When Automation Goes Wrong: A Painful Lesson in PowerShell

Have you ever written a script that worked flawlessly in testing only to wreak havoc in production? It’s a nightmare scenario for any automation specialist. I’ve been there, and in this post, I’ll share one of my biggest mistakes, how it happened, and what I learned from it. If you write PowerShell scripts for critical tasks, this story might save you from making the same mistake.

Learning Through Mistakes

Learning is not just about gaining knowledge. We also learn by making mistakes. In this post, I want to share a mistake I made, break it down, and see what lessons we can take from it.

The Background

A few years ago, I was working on a script for offboarding users. Part of this script involved disabling the user’s mailbox. Throughout the script, I used the user’s GUID because it is unique for every user. That was my main reason for choosing it.

I looked up how to disable a mailbox and found the Disable-Mailbox cmdlet. I quickly realized I didn’t need many parameters. My initial command looked like this:

Disable-Mailbox -Identity "00000000-0000-0000-0000-000000000000"

Almost perfect, but I didn’t want the script to prompt for confirmation. It needed to run fast and without manual intervention. I had already built checks for permissions earlier in the script. So, I added the -Confirm:$false parameter:

Disable-Mailbox -Identity "00000000-0000-0000-0000-000000000000" -Confirm:$false

I tested it with a test user and added -WhatIf for safety. Everything worked as expected.

The One-Liner That Broke Everything

Next, I wanted to check if a mailbox existed before disabling it. My idea was simple: use Get-Mailbox and pipe the result to Disable-Mailbox. I had done similar one-liners before, and Microsoft Learn often showed this approach. So, I wrote:

Get-Mailbox -Identity "00000000-0000-0000-0000-000000000000" | Disable-Mailbox -Confirm:$false

One more detail: at the top of my script, I set $ErrorActionPreference = "Stop". My assumption was that any error would stop the script before causing damage.

I tested this thoroughly. Everything worked. Time to deploy to production.

When It Went Wrong

Weeks passed with successful offboardings, until one day, disaster struck.

A colleague triggered an offboarding. Later, the service desk reported multiple customers having email issues. After investigation, the source was traced to the server running my scripts. My IP address was in the logs.

Dozens of mailboxes had been disabled. Not just a few but hundreds of active users. I was shocked. How could this happen? I had tested everything!

After digging deeper, I found the problem: The GUID didn’t match a mailbox and Get-Mailbox did not return an error. Instead, it returned the first 1000 mailboxes by default. And because I used -Confirm:$false, the script disabled them all without asking.

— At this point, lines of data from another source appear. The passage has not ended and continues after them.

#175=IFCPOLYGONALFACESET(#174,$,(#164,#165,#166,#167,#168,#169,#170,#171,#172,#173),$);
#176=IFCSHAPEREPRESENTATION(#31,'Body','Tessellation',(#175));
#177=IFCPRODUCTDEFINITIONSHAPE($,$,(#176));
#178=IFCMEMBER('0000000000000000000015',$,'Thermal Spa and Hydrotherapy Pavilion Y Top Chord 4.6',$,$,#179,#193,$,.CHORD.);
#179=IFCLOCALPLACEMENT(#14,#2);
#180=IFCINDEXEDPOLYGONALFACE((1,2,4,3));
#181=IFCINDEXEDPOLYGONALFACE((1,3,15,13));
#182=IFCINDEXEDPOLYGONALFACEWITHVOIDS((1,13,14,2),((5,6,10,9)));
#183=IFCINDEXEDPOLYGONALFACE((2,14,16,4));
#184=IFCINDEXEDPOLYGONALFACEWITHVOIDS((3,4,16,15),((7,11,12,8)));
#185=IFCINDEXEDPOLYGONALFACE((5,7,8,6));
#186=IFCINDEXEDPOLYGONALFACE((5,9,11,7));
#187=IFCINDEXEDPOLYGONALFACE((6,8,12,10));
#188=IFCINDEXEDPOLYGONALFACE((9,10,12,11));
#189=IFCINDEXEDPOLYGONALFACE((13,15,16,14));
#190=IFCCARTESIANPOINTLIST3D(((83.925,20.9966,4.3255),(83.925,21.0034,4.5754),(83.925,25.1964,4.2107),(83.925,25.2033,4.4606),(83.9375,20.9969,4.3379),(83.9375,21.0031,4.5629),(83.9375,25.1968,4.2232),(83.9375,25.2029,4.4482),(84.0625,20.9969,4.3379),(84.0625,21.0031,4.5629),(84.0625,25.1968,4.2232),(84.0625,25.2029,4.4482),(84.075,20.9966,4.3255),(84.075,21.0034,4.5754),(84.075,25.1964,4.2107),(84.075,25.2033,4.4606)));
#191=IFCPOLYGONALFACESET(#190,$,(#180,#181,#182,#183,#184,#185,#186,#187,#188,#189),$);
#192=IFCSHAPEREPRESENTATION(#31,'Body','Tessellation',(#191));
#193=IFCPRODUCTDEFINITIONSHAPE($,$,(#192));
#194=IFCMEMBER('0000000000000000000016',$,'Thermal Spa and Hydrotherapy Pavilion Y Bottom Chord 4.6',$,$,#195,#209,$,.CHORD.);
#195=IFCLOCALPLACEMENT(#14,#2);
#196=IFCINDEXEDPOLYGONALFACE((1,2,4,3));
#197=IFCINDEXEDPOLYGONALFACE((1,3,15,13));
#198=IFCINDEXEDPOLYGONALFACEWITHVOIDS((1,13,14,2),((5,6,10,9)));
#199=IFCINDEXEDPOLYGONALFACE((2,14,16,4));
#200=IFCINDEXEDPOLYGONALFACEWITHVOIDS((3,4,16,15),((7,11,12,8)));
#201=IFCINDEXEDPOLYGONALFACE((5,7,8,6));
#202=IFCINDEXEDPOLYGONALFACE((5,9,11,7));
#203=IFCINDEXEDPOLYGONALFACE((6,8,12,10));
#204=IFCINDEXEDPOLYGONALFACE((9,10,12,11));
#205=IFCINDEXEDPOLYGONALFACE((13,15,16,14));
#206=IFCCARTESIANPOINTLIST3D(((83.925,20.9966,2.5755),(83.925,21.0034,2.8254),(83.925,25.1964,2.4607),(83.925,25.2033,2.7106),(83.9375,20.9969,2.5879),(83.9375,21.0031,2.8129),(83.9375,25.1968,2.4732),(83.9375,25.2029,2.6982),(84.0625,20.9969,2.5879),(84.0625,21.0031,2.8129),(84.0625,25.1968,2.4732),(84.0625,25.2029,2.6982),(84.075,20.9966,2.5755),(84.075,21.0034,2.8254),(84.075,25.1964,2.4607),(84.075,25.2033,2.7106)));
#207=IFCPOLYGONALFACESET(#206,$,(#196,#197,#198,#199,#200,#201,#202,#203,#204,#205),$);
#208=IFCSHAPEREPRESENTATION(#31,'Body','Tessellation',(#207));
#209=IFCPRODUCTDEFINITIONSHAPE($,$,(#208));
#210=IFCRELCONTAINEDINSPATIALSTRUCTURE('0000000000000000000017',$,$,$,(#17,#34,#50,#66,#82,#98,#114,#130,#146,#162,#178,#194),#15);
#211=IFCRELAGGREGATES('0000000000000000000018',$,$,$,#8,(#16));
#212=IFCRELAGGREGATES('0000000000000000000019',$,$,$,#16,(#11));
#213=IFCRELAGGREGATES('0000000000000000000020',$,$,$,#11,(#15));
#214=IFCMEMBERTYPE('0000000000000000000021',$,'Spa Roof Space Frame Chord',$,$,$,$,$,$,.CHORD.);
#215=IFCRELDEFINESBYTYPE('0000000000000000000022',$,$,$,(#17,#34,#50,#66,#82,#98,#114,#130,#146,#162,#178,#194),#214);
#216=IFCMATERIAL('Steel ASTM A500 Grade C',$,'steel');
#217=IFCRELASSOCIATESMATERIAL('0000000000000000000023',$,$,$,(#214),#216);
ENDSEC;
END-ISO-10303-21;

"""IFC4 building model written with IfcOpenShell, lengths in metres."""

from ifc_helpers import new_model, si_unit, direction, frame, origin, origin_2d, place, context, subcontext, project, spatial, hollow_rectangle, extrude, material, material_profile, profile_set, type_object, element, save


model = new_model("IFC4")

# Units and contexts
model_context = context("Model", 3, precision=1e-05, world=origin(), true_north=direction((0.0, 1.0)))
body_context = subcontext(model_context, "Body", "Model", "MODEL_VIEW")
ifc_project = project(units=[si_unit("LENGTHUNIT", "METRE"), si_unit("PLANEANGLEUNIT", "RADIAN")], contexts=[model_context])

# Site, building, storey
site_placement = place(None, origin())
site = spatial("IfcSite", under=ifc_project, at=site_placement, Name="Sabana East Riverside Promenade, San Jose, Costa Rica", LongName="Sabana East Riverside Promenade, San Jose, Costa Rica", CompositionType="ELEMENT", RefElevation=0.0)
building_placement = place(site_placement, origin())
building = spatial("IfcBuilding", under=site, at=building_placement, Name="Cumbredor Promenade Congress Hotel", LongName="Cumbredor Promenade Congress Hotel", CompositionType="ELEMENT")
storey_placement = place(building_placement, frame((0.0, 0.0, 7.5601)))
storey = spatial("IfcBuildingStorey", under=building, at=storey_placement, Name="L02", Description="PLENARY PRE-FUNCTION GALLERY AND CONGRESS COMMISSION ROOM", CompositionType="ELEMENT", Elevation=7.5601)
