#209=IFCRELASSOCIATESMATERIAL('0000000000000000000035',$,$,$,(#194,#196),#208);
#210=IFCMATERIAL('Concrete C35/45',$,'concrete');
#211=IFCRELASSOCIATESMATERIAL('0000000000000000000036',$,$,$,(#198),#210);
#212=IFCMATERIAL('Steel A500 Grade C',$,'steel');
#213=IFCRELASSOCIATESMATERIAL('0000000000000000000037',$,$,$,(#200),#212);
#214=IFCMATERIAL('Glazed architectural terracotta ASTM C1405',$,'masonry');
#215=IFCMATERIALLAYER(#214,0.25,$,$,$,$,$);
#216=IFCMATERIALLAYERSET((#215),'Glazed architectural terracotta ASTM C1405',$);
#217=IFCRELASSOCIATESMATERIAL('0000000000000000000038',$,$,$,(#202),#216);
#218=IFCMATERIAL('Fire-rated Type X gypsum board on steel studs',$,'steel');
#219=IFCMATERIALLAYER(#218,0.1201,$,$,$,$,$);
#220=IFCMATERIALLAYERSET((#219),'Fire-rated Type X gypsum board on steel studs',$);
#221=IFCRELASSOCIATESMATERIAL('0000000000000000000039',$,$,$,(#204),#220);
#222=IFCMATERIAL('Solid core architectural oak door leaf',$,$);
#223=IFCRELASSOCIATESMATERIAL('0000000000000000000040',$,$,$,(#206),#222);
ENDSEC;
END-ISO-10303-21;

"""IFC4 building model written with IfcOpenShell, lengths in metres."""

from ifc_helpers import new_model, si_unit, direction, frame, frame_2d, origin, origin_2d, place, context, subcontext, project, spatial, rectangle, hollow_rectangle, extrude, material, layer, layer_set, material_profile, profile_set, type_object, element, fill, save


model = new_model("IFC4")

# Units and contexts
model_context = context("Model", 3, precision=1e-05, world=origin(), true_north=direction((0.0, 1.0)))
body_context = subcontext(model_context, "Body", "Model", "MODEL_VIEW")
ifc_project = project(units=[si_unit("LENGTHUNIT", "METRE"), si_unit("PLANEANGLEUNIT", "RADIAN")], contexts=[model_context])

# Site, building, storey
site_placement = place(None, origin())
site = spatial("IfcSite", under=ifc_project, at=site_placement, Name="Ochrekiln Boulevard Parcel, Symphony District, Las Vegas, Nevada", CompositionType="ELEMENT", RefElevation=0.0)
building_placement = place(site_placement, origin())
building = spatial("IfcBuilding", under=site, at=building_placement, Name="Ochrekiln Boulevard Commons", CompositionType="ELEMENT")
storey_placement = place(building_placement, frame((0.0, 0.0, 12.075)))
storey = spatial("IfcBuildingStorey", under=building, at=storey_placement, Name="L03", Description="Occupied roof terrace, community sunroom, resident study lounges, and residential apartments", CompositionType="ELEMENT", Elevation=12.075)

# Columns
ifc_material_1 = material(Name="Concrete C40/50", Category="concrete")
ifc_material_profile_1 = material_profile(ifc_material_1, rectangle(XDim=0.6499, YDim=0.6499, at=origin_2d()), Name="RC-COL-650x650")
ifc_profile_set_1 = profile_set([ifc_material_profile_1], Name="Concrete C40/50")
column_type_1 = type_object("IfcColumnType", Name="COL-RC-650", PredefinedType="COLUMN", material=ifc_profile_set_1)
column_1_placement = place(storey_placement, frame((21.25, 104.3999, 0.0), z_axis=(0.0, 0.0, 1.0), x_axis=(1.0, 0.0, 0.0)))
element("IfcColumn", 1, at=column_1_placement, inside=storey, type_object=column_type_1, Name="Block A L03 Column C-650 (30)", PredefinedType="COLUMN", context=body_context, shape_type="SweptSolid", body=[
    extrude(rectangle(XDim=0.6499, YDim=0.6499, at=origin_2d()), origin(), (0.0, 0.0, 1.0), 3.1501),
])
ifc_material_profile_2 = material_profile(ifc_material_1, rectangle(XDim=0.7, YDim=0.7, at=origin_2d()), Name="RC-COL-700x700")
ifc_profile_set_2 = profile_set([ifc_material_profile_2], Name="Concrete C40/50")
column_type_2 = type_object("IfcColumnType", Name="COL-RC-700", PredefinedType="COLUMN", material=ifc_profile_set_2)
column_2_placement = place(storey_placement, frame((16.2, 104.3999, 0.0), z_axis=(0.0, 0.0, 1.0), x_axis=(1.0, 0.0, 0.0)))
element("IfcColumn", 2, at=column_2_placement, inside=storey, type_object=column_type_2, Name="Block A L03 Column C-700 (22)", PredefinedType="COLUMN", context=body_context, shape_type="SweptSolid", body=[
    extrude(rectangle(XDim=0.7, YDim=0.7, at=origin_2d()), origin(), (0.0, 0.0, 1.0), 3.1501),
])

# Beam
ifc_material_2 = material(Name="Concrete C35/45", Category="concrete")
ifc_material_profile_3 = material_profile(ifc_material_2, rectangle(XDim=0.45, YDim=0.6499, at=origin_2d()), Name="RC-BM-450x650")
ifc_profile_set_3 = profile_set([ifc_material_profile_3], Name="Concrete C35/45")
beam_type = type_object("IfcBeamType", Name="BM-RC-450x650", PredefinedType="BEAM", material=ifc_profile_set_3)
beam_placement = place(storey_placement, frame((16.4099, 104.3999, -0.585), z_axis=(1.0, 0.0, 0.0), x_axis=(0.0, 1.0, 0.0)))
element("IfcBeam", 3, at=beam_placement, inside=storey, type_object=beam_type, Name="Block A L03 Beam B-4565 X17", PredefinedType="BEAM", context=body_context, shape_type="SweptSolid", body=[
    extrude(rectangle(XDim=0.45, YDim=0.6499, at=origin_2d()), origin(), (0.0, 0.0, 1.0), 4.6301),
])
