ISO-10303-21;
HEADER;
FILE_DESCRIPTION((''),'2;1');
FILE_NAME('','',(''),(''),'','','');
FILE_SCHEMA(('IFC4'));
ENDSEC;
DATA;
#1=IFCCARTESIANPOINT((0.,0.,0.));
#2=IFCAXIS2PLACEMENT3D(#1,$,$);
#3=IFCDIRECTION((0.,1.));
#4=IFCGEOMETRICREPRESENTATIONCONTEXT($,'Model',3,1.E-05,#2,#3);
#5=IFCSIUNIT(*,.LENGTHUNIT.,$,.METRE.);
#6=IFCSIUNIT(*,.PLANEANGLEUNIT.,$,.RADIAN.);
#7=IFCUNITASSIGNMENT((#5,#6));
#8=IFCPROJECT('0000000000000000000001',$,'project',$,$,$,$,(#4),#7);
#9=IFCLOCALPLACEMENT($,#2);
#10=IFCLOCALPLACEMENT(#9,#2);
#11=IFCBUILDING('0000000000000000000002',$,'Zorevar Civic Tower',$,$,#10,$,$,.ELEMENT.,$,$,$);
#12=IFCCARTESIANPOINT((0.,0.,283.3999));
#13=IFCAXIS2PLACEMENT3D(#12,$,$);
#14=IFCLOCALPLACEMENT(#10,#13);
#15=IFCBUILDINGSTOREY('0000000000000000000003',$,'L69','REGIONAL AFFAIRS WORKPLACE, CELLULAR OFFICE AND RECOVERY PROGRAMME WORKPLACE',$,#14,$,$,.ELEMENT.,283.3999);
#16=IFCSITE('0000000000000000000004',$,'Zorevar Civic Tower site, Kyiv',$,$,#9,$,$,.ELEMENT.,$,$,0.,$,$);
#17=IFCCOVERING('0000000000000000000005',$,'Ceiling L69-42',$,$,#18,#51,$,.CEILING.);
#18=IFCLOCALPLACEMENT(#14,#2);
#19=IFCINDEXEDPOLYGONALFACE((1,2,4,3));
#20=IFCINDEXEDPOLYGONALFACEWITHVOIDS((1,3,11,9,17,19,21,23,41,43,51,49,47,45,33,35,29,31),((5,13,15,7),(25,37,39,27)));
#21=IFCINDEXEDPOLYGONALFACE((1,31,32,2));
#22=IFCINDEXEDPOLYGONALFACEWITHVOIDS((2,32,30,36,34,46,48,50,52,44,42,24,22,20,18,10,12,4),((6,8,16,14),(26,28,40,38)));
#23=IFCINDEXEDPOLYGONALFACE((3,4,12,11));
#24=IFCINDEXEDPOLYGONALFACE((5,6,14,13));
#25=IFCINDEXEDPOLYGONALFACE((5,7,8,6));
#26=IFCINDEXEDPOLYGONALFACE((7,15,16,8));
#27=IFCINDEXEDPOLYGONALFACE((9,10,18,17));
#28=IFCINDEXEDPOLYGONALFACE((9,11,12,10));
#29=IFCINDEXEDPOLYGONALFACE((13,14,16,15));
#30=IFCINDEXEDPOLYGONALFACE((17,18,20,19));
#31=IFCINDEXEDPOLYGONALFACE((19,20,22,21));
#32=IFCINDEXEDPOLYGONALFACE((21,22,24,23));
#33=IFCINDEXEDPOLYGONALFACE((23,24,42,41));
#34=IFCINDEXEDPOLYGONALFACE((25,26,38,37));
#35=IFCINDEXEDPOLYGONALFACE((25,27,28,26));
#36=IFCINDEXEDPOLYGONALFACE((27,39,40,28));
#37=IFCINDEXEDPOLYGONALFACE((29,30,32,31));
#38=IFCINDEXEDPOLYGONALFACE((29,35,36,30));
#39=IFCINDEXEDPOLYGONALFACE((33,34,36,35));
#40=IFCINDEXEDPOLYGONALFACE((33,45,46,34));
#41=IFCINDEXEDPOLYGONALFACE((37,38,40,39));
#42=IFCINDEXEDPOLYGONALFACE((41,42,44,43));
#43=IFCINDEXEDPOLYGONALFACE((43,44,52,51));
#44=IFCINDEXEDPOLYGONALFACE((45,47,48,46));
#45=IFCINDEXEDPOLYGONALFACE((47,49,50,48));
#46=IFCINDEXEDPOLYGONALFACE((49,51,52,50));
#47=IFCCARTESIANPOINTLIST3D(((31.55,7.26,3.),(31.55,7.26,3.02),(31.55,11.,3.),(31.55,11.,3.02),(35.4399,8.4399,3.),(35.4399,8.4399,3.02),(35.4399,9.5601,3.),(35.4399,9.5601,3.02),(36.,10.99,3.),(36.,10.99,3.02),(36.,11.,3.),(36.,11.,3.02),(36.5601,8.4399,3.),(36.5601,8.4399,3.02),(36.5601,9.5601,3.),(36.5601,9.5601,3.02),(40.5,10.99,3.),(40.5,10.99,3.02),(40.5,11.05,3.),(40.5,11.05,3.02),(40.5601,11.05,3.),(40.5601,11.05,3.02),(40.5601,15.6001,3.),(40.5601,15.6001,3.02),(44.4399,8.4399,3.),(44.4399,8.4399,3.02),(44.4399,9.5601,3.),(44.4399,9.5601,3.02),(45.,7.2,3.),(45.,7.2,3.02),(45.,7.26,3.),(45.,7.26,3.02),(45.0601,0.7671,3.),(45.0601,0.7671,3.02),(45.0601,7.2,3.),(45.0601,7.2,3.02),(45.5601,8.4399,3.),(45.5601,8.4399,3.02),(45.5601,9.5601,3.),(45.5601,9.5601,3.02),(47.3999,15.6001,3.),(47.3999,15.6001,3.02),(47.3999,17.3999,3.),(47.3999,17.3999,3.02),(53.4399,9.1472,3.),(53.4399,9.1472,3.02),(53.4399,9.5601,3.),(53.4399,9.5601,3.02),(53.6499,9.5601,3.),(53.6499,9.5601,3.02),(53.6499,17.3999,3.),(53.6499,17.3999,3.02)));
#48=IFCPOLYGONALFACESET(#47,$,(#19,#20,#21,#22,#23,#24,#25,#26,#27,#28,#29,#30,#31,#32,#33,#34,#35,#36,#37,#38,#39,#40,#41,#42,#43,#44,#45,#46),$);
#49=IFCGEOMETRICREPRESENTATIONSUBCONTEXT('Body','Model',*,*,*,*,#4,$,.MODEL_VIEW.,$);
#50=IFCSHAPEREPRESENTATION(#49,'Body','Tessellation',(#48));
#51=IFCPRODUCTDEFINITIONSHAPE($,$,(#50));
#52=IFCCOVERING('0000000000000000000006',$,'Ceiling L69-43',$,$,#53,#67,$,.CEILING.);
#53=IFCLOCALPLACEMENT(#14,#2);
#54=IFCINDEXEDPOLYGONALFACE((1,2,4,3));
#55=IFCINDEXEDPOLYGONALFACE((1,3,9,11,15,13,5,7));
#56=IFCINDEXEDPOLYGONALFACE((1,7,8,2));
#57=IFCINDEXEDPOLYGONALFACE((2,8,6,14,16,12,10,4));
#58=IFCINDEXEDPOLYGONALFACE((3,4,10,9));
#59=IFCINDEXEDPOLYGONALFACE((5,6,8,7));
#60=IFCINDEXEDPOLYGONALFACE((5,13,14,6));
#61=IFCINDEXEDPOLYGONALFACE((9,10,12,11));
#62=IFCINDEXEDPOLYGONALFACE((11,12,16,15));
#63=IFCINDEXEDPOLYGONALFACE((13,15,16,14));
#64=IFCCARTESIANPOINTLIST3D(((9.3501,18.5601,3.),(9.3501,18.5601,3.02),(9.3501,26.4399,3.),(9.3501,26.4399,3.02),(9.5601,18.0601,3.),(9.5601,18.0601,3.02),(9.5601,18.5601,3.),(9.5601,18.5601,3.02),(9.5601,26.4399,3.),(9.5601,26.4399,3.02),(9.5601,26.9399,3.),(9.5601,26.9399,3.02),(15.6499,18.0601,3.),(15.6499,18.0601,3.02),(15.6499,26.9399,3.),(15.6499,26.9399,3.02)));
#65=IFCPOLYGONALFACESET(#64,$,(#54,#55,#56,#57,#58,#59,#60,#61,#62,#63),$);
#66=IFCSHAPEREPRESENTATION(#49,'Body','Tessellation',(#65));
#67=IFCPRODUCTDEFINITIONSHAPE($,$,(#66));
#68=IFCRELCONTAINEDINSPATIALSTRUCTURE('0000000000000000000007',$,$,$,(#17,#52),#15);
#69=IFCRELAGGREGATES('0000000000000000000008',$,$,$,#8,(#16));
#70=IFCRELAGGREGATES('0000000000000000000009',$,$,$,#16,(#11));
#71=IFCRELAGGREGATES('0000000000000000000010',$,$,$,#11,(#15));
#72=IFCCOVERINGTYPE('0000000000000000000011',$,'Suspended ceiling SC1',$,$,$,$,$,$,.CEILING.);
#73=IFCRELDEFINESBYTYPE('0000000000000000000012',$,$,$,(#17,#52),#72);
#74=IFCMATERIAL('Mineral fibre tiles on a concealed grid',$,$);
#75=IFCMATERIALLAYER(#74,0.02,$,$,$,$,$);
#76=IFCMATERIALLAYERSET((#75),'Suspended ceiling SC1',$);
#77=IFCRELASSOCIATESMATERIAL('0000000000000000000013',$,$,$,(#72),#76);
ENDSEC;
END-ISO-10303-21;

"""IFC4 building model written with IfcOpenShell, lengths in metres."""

from ifc_helpers import new_model, si_unit, direction, frame, origin, place, context, subcontext, project, spatial, polyline, outline, extrude, material, layer, layer_set, type_object, element, save


model = new_model("IFC4")

# Units and contexts
model_context = context("Model", 3, precision=1e-05, world=origin(), true_north=direction((0.0, 1.0)))
body_context = subcontext(model_context, "Body", "Model", "MODEL_VIEW")
ifc_project = project(units=[si_unit("LENGTHUNIT", "METRE"), si_unit("PLANEANGLEUNIT", "RADIAN")], contexts=[model_context])

# Site, building, storey
site_placement = place(None, origin())
site = spatial("IfcSite", under=ifc_project, at=site_placement, Name="Zorevar Civic Tower site, Kyiv", CompositionType="ELEMENT", RefElevation=0.0)
building_placement = place(site_placement, origin())
building = spatial("IfcBuilding", under=site, at=building_placement, Name="Zorevar Civic Tower", CompositionType="ELEMENT")
storey_placement = place(building_placement, frame((0.0, 0.0, 283.3999)))
storey = spatial("IfcBuildingStorey", under=building, at=storey_placement, Name="L69", Description="REGIONAL AFFAIRS WORKPLACE, CELLULAR OFFICE AND RECOVERY PROGRAMME WORKPLACE", CompositionType="ELEMENT", Elevation=283.3999)

# Coverings
ifc_material = material(Name="Mineral fibre tiles on a concealed grid")
ifc_layer = layer(ifc_material, 0.02)
ifc_layer_set = layer_set([ifc_layer], Name="Suspended ceiling SC1")
covering_type = type_object("IfcCoveringType", Name="Suspended ceiling SC1", PredefinedType="CEILING", material=ifc_layer_set)
covering_1_placement = place(storey_placement, frame((0.0, 0.0, 3.0)))
element("IfcCovering", 1, at=covering_1_placement, inside=storey, type_object=covering_type, Name="Ceiling L69-42", PredefinedType="CEILING", context=body_context, shape_type="SweptSolid", body=[
    extrude(outline(polyline([(45.0601, 7.2), (45.0, 7.2), (45.0, 7.26), (31.55, 7.26), (31.55, 11.0), (36.0, 11.0), (36.0, 10.99), (40.5, 10.99), (40.5, 11.05), (40.5601, 11.05), (40.5601, 15.6001), (47.3999, 15.6001), (47.3999, 17.3999), (53.6499, 17.3999), (53.6499, 9.5601), (53.4399, 9.5601), (53.4399, 9.1472), (45.0601, 0.7671), (45.0601, 7.2)]), holes=[polyline([(36.5601, 9.5601), (35.4399, 9.5601), (35.4399, 8.4399), (36.5601, 8.4399), (36.5601, 9.5601)]), polyline([(44.4399, 8.4399), (45.5601, 8.4399), (45.5601, 9.5601), (44.4399, 9.5601), (44.4399, 8.4399)])]), origin(), (0.0, 0.0, 1.0), 0.02),
])
covering_2_placement = place(storey_placement, frame((0.0, 0.0, 3.0)))
element("IfcCovering", 2, at=covering_2_placement, inside=storey, type_object=covering_type, Name="Ceiling L69-43", PredefinedType="CEILING", context=body_context, shape_type="SweptSolid", body=[
    extrude(outline(polyline([(15.6499, 26.9399), (15.6499, 18.0601), (9.5601, 18.0601), (9.5601, 18.5601), (9.3501, 18.5601), (9.3501, 26.4399), (9.5601, 26.4399), (9.5601, 26.9399), (15.6499, 26.9399)])), origin(), (0.0, 0.0, 1.0), 0.02),
])

save(model, "model.ifc")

My assumption was wrong. I thought nothing would be piped if nothing was found and I would get an error. But the cmdlet behaved differently. $ErrorActionPreference didn’t help because no error occurred.

The Impact and Recovery

The result? Dozens of active users lost acces to their mailboxes.

We immediately formed a crisis team. I checked if any other scripts were running. We restored mailboxes using Enable-Mailbox. For users with archive mailboxes, recovery was trickier, but standard naming conventions helped us reconnect them quickly.

Lessons Learned

The next day, we held a post-mortem to understand what went wrong and how to prevent it in the future. One of the biggest takeaways was to never assume how a command behaves. Always test every possible scenario. What you expect to happen might not be what actually occurs. I also realized the importance of reading documentation thoroughly; in this case, the behavior of Get-Mailbox when no results are found was clearly documented, but I overlooked it. Another lesson was to be cautious with one-liners. They are powerful and convenient, but if you don’t fully understand their implications, they can lead to disastrous results. Finally, mistakes are inevitable, but what matters most is learning from them and putting safeguards in place so they don’t happen again.

The Fix

I added extra checks to ensure the mailbox exists before disabling it. We also decided to avoid one-liners for critical actions. Here’s the updated approach:


Try {
    Write-Output "Remove User Objects | Remove Mailbox | $UPN"
    $Mailbox = Get-Mailbox -Identity $UserGuid -DomainController $Domaincontroller -ResultSize 1 -ErrorAction Stop
    if ($Mailbox.Count -eq 1) {
        Disable-Mailbox -Identity $Mailbox -DomainController $Domaincontroller -Confirm:$False -ErrorAction Stop
    } else {
        Write-Output "Remove User Objects | Remove Mailbox | $UPN | Mailbox Object not equals 1 ($($Mailbox.Count))"
        throw
    }
} catch {
    $_.Exception.Message
    throw
}

Final Thoughts

This experience taught me to be far more cautious when writing scripts and to never underestimate the importance of thorough testing and documentation. Automation can save time, but it can also cause massive disruption if not handled carefully.

Have you ever had a script go wrong in production? What lessons did you learn from it? Share your experiences and tips in the comments. I’d love to hear how others approach preventing these kinds of mistakes.